Tak hanya pelantikan, agenda tersebut juga dirangkaikan dengan pembukaan Kejuaraan Provinsi (Kejurprov) I Federasi Olahraga Domino Nasional (ORADO) Sumatera Selatan, yang diikuti perwakilan dari seluruh kabupaten dan kota se-Sumsel.
Gubernur Sumatera Selatan, Herman Deru, yang hadir membuka secara resmi kejuaraan tersebut menegaskan bahwa domino memiliki kedekatan kuat dengan kehidupan sosial masyarakat Sumsel.
Menurut Herman Deru, domino selama ini bukan sekadar permainan pengisi waktu, melainkan bagian dari budaya kebersamaan yang sudah lama hidup di tengah masyarakat.
“Ini bukan hanya soal permainan, tetapi juga bagian dari identitas sosial masyarakat Sumsel.
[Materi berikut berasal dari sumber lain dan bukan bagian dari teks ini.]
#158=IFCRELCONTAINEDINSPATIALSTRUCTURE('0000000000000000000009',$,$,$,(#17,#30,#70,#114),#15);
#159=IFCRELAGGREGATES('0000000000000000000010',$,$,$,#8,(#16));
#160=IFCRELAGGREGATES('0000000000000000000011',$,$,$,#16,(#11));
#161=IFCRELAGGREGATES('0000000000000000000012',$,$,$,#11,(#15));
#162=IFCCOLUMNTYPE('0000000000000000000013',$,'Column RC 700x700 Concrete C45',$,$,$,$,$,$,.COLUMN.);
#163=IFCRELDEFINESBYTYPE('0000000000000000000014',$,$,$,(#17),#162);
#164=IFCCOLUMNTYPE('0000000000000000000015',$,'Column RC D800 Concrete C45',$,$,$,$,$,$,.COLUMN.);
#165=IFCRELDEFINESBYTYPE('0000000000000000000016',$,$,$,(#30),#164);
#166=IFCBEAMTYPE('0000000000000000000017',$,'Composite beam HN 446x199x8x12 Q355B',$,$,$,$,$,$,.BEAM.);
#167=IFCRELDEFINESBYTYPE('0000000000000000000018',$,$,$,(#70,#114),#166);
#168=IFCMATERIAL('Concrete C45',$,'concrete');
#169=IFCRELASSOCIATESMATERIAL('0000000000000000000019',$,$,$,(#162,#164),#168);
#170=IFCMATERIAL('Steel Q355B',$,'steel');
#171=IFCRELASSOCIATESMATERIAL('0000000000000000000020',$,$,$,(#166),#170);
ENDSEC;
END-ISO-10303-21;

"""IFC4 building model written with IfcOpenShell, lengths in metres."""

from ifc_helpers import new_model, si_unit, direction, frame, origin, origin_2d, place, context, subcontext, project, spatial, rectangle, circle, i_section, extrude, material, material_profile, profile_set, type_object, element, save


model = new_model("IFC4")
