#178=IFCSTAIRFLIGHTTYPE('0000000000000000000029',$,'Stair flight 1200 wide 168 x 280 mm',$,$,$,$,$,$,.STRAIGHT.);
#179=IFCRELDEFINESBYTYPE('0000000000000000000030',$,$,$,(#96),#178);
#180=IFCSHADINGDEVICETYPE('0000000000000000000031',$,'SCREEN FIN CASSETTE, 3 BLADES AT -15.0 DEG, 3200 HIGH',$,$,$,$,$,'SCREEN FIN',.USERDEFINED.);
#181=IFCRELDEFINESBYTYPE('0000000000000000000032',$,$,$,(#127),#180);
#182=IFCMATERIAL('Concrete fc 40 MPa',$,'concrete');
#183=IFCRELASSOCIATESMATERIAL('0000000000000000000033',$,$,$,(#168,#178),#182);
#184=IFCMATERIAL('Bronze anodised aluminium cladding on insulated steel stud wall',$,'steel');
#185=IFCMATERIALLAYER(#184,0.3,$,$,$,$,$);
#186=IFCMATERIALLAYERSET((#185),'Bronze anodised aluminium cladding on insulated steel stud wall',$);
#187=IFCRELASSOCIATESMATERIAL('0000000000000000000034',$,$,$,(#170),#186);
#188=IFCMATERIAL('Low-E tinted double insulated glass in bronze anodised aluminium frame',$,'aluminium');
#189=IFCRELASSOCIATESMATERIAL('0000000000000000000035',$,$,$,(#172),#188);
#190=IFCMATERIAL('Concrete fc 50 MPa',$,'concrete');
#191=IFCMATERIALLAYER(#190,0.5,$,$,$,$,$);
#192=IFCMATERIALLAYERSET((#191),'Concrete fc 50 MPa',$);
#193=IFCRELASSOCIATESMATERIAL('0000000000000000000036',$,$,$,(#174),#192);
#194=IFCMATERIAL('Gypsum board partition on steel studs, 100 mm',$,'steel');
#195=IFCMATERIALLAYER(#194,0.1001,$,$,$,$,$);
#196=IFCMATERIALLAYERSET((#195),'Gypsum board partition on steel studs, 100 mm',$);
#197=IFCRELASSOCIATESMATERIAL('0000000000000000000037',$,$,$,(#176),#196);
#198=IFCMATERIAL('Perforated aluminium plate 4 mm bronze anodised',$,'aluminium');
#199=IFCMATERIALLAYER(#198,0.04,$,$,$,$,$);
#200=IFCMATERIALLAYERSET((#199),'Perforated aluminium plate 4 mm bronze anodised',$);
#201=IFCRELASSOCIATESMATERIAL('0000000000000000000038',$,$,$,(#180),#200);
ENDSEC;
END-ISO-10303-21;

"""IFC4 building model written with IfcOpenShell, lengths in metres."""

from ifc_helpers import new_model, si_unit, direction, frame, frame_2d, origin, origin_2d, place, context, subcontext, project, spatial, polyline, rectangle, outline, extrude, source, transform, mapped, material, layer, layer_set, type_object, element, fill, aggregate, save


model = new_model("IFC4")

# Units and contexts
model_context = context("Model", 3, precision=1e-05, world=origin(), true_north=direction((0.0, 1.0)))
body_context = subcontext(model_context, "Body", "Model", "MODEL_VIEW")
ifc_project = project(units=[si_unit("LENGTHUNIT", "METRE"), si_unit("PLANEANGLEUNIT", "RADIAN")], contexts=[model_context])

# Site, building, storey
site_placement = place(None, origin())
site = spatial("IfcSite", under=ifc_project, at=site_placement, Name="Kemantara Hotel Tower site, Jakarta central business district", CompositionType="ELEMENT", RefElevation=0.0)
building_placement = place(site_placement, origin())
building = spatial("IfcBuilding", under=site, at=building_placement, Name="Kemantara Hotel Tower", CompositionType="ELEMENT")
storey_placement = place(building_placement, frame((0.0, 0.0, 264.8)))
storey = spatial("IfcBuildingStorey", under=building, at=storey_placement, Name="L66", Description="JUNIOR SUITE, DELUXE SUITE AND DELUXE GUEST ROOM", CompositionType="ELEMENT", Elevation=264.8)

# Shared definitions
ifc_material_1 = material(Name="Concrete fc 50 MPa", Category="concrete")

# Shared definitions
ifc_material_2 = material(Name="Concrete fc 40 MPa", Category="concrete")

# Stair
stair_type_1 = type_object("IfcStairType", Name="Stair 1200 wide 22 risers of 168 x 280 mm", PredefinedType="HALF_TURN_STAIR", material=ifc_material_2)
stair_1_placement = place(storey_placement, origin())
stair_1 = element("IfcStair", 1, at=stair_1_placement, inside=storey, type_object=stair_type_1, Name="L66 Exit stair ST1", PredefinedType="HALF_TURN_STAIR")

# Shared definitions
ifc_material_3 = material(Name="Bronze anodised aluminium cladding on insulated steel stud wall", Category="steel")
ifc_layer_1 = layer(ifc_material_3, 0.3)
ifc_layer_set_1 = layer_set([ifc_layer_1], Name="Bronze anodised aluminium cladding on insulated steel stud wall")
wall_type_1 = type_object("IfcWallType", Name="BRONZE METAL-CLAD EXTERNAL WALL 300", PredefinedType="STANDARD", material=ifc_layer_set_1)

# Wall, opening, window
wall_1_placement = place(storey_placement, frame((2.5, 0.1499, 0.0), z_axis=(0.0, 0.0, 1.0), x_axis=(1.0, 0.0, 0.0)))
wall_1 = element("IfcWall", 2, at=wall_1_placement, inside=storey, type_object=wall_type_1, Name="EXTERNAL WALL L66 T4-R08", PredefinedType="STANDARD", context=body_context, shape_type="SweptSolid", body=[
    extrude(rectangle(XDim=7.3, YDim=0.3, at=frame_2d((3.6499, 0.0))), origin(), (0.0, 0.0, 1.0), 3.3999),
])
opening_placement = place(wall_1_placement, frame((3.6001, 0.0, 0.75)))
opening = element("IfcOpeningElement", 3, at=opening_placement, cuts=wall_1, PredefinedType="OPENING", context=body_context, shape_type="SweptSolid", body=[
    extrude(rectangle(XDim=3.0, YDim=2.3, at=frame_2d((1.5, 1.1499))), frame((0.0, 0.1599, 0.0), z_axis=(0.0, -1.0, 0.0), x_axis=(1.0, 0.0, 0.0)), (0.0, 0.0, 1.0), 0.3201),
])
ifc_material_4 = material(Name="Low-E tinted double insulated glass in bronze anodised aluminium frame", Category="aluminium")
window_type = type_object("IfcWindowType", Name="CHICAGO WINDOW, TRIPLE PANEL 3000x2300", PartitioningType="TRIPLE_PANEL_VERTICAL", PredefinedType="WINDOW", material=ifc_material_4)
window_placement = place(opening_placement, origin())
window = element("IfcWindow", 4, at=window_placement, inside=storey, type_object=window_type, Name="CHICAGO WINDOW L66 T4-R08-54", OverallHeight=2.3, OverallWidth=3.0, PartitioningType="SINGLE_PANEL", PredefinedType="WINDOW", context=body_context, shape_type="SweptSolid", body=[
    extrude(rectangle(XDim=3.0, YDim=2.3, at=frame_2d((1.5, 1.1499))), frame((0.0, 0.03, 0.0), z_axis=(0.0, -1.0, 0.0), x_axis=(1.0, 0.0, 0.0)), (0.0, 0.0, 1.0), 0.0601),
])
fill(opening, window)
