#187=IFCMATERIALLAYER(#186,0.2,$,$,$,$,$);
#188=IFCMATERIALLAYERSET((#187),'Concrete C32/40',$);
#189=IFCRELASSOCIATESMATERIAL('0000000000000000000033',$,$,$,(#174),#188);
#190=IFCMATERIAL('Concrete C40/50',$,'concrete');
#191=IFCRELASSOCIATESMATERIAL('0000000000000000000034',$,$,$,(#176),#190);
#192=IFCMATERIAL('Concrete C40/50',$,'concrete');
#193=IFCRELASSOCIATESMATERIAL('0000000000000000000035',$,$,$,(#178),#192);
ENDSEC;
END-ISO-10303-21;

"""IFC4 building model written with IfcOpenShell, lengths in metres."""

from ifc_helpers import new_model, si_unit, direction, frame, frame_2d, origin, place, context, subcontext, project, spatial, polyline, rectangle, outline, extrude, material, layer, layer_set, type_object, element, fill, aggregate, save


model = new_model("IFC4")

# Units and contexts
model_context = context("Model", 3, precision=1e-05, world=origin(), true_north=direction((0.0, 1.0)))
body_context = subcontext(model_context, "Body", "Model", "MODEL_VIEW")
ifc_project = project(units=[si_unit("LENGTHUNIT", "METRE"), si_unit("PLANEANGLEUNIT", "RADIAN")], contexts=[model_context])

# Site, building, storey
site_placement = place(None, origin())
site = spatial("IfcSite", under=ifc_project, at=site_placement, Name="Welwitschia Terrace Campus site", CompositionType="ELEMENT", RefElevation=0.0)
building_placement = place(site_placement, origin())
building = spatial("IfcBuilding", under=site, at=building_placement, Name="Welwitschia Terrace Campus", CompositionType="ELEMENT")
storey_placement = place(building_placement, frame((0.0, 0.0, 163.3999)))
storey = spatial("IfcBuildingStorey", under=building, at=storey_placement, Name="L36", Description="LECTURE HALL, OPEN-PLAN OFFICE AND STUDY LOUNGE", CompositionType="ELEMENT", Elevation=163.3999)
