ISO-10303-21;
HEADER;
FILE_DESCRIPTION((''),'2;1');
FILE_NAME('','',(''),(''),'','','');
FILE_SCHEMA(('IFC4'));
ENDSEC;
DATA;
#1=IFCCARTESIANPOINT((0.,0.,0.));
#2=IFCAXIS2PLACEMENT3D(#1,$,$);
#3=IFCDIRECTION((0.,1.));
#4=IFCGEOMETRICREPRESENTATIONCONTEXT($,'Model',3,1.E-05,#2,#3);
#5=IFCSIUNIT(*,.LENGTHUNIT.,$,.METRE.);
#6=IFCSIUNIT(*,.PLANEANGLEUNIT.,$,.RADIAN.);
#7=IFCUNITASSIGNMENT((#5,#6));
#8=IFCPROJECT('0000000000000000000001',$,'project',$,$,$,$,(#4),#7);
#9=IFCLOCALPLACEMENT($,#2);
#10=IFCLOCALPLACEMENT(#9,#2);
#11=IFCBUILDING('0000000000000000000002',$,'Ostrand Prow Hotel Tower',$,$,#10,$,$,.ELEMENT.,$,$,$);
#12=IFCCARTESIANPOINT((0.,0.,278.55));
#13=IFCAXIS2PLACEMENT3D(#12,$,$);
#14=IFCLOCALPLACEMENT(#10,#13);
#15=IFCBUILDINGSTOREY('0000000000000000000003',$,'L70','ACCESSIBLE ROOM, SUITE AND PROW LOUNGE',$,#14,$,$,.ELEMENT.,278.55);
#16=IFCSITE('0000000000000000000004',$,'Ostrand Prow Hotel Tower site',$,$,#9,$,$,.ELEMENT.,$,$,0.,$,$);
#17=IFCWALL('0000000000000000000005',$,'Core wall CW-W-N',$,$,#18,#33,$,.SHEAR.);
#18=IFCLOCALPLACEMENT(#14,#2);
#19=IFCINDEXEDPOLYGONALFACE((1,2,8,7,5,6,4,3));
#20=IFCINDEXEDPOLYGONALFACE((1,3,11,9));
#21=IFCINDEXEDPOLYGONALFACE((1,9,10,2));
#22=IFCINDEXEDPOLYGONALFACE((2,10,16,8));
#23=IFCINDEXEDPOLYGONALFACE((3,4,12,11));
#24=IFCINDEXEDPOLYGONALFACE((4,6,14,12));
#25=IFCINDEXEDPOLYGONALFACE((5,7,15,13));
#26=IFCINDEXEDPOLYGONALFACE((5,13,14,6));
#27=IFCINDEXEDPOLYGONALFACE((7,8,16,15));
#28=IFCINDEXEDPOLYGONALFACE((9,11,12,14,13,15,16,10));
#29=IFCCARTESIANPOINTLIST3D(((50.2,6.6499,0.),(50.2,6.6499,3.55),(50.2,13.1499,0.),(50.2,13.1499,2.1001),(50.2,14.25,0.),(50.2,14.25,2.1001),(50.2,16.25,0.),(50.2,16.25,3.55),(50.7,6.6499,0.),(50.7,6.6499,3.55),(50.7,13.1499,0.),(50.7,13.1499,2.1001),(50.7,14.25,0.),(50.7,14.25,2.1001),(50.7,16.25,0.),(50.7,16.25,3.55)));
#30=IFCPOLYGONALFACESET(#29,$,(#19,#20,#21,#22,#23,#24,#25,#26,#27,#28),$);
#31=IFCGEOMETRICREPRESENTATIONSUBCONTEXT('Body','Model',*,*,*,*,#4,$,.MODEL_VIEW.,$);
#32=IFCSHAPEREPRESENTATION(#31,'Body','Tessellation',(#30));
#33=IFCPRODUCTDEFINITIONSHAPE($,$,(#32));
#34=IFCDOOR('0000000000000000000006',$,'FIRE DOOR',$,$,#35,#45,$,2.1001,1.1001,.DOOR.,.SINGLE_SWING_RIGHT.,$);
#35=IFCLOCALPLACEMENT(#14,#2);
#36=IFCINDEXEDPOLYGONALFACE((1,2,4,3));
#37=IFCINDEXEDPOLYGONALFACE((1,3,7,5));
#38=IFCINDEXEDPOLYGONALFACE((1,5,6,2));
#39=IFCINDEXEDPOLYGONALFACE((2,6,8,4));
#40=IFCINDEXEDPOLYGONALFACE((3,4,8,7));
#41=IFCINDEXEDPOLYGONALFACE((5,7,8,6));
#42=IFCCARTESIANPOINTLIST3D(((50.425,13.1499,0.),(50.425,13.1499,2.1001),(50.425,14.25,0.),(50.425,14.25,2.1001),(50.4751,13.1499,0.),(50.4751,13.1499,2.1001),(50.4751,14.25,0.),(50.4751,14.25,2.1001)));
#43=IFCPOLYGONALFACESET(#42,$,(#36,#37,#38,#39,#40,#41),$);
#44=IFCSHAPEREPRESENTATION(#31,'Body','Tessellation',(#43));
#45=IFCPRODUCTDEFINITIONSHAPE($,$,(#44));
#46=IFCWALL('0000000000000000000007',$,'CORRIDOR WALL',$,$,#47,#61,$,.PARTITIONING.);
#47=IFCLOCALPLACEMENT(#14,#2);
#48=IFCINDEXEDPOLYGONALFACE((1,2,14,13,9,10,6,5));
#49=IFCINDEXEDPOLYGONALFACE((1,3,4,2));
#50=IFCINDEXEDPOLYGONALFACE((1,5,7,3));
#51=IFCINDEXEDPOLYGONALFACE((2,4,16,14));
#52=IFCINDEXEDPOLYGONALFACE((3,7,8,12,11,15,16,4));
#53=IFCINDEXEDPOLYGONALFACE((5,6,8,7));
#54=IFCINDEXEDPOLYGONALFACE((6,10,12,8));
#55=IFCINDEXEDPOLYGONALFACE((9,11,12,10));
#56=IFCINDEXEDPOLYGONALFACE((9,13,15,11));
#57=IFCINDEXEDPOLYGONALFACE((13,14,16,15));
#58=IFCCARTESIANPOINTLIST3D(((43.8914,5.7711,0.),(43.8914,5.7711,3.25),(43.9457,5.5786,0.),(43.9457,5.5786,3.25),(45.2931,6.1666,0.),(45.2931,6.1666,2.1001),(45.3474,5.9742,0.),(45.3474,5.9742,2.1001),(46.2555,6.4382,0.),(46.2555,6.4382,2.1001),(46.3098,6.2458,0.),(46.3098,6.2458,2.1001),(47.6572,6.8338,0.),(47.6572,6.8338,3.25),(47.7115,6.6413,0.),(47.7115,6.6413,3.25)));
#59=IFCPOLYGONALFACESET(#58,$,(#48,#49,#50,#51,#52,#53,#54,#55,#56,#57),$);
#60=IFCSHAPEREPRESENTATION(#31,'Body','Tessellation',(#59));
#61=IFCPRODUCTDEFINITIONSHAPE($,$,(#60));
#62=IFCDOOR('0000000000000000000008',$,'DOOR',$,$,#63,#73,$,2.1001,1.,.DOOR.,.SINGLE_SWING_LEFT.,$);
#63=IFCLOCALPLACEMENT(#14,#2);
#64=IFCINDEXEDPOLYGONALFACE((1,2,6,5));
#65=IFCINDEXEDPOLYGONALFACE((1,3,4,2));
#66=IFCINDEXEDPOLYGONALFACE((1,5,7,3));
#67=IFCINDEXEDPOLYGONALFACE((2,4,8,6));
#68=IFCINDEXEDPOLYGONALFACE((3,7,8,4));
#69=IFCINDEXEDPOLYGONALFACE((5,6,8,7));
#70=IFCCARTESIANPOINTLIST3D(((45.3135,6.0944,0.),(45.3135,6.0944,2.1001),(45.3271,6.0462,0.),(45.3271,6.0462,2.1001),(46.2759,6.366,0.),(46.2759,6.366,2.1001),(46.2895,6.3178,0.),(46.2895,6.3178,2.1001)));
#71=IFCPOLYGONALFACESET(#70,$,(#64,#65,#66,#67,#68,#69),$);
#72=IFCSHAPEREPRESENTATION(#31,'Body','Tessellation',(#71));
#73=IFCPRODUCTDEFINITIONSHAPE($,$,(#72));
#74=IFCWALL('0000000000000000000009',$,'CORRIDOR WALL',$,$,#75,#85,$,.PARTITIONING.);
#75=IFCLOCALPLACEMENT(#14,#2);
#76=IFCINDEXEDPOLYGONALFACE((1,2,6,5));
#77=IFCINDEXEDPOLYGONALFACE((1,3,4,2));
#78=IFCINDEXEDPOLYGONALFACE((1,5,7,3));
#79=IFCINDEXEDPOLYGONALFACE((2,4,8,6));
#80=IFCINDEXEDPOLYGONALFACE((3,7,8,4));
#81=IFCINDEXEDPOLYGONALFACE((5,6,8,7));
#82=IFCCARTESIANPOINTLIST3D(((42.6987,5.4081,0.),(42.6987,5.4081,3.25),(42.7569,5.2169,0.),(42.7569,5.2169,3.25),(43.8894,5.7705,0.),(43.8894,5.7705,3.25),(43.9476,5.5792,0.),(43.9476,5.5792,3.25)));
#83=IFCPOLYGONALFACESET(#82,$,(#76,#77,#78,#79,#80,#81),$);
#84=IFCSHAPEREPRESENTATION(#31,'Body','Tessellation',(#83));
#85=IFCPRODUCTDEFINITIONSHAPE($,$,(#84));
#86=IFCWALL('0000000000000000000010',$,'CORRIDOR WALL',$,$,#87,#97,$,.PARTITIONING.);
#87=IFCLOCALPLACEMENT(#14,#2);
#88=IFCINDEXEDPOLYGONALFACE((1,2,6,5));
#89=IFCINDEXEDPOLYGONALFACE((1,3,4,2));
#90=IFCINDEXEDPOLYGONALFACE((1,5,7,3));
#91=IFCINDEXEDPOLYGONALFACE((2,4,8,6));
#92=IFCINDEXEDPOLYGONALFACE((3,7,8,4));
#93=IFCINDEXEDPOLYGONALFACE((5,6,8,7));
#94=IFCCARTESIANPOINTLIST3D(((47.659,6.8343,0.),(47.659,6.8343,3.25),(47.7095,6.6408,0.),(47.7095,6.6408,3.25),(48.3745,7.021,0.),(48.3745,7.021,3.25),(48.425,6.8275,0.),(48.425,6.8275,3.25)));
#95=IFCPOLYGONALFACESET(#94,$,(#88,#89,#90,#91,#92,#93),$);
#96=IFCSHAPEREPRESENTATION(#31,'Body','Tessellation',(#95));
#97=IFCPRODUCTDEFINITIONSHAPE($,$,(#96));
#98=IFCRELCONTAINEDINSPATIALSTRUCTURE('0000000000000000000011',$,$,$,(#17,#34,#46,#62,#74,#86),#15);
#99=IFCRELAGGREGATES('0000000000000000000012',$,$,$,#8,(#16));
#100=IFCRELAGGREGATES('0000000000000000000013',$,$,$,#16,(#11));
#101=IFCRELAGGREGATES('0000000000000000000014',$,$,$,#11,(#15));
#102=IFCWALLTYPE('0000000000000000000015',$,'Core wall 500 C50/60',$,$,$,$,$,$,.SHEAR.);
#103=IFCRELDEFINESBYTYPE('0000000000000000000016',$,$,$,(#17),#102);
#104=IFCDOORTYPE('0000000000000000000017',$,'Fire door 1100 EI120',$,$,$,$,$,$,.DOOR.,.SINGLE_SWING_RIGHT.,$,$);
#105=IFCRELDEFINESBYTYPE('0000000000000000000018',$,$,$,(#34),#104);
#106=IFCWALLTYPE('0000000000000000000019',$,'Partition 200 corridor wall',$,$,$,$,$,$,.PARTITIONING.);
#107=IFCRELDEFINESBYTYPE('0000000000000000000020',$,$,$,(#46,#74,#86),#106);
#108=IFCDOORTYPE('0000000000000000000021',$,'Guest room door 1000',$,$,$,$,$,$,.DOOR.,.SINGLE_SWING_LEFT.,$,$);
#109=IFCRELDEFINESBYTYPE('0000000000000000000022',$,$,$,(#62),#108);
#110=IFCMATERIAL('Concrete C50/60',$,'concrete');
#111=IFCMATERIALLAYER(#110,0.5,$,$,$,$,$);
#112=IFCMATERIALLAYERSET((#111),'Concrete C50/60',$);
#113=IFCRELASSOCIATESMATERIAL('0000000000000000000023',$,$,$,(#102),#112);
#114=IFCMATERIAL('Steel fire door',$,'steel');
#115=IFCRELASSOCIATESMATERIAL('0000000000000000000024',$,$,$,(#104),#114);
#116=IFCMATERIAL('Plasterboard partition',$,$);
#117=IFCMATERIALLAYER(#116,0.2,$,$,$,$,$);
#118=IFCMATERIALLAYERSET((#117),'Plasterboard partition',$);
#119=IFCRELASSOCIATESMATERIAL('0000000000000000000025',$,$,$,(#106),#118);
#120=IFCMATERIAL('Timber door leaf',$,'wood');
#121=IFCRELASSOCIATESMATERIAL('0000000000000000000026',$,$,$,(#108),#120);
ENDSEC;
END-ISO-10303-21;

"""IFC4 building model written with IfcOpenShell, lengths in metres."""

from ifc_helpers import new_model, si_unit, direction, frame, frame_2d, origin, place, context, subcontext, project, spatial, rectangle, extrude, material, layer, layer_set, type_object, element, fill, save


model = new_model("IFC4")

# Units and contexts
model_context = context("Model", 3, precision=1e-05, world=origin(), true_north=direction((0.0, 1.0)))
body_context = subcontext(model_context, "Body", "Model", "MODEL_VIEW")
ifc_project = project(units=[si_unit("LENGTHUNIT", "METRE"), si_unit("PLANEANGLEUNIT", "RADIAN")], contexts=[model_context])

# Site, building, storey
site_placement = place(None, origin())
site = spatial("IfcSite", under=ifc_project, at=site_placement, Name="Ostrand Prow Hotel Tower site", CompositionType="ELEMENT", RefElevation=0.0)
building_placement = place(site_placement, origin())
building = spatial("IfcBuilding", under=site, at=building_placement, Name="Ostrand Prow Hotel Tower", CompositionType="ELEMENT")
storey_placement = place(building_placement, frame((0.0, 0.0, 278.55)))
storey = spatial("IfcBuildingStorey", under=building, at=storey_placement, Name="L70", Description="ACCESSIBLE ROOM, SUITE AND PROW LOUNGE", CompositionType="ELEMENT", Elevation=278.55)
Tantangannya sekarang adalah bagaimana menjadikan domino lebih terarah dan mampu melahirkan prestasi,” ujar Herman Deru dalam sambutannya.
Ia menilai kehadiran ORADO menjadi langkah strategis untuk membangun tata kelola olahraga domino yang lebih jelas, mulai dari regulasi, pembinaan atlet, hingga penyelenggaraan kompetisi berjenjang.
Selain itu, Herman Deru juga menyoroti bahwa domino merupakan olahraga yang memiliki daya tarik luas karena dapat dimainkan lintas usia, profesi, maupun latar belakang sosial.
Sementara itu, Ketua Pengprov ORADO Sumsel Reza Farisyi melalui Sekretaris ORADO Sumsel Ari Maulana mengatakan Kejurprov perdana ini merupakan langkah nyata menuju profesionalisasi olahraga domino di Sumsel.
Menurut Ari, ORADO ingin mengubah pandangan masyarakat bahwa domino tidak hanya identik dengan hiburan semata, melainkan bisa berkembang menjadi cabang olahraga yang melahirkan atlet berprestasi.
“Kami ingin menggeser paradigma bahwa domino bukan sekadar permainan rekreasi. Ini adalah langkah awal membangun sistem pembinaan atlet yang berkelanjutan di Sumatera Selatan,” kata Ari.
Kejurprov I Domino Sumsel diikuti 17 tim dari kabupaten/kota se-Sumsel, yang sebelumnya telah lolos melalui seleksi tingkat daerah pada Februari 2026 lalu.
Setiap tim diperkuat tiga atlet yang terdiri dari dua pemain inti dan satu pemain cadangan.
Dalam kejuaraan tersebut, panitia mempertandingkan dua kategori utama, yakni: Junior usia 14-17 tahun, dan Senior usia 18 tahun ke atas
Pembagian kategori tersebut dilakukan sebagai bagian dari upaya ORADO dalam membangun regenerasi atlet sejak usia dini agar olahraga domino memiliki masa depan yang berkelanjutan.
Tak hanya menjadi ajang kompetisi tingkat daerah, Kejurprov ini juga menjadi pintu masuk menuju level nasional. Para juara nantinya akan mewakili Sumatera Selatan pada Kejuaraan Nasional (Kejurnas) Domino di Bogor pada 24 April 2026.
Sumatera Selatan pun memasang target tinggi dengan membidik posisi tiga besar nasional, seiring besarnya potensi atlet domino yang dimiliki daerah tersebut.
“Basis pemain domino di Sumsel sangat besar. Tinggal bagaimana kami mengelola potensi itu secara profesional agar mampu bersaing di tingkat nasional,” tegas Ari.
Perkembangan domino sebagai olahraga kompetitif ternyata tidak hanya terjadi di Sumatera Selatan. Berdasarkan data internal ORADO, kegiatan serupa kini telah berlangsung di sedikitnya 25 provinsi di Indonesia, menandakan domino mulai mendapatkan tempat sebagai cabang olahraga yang semakin diperhitungkan.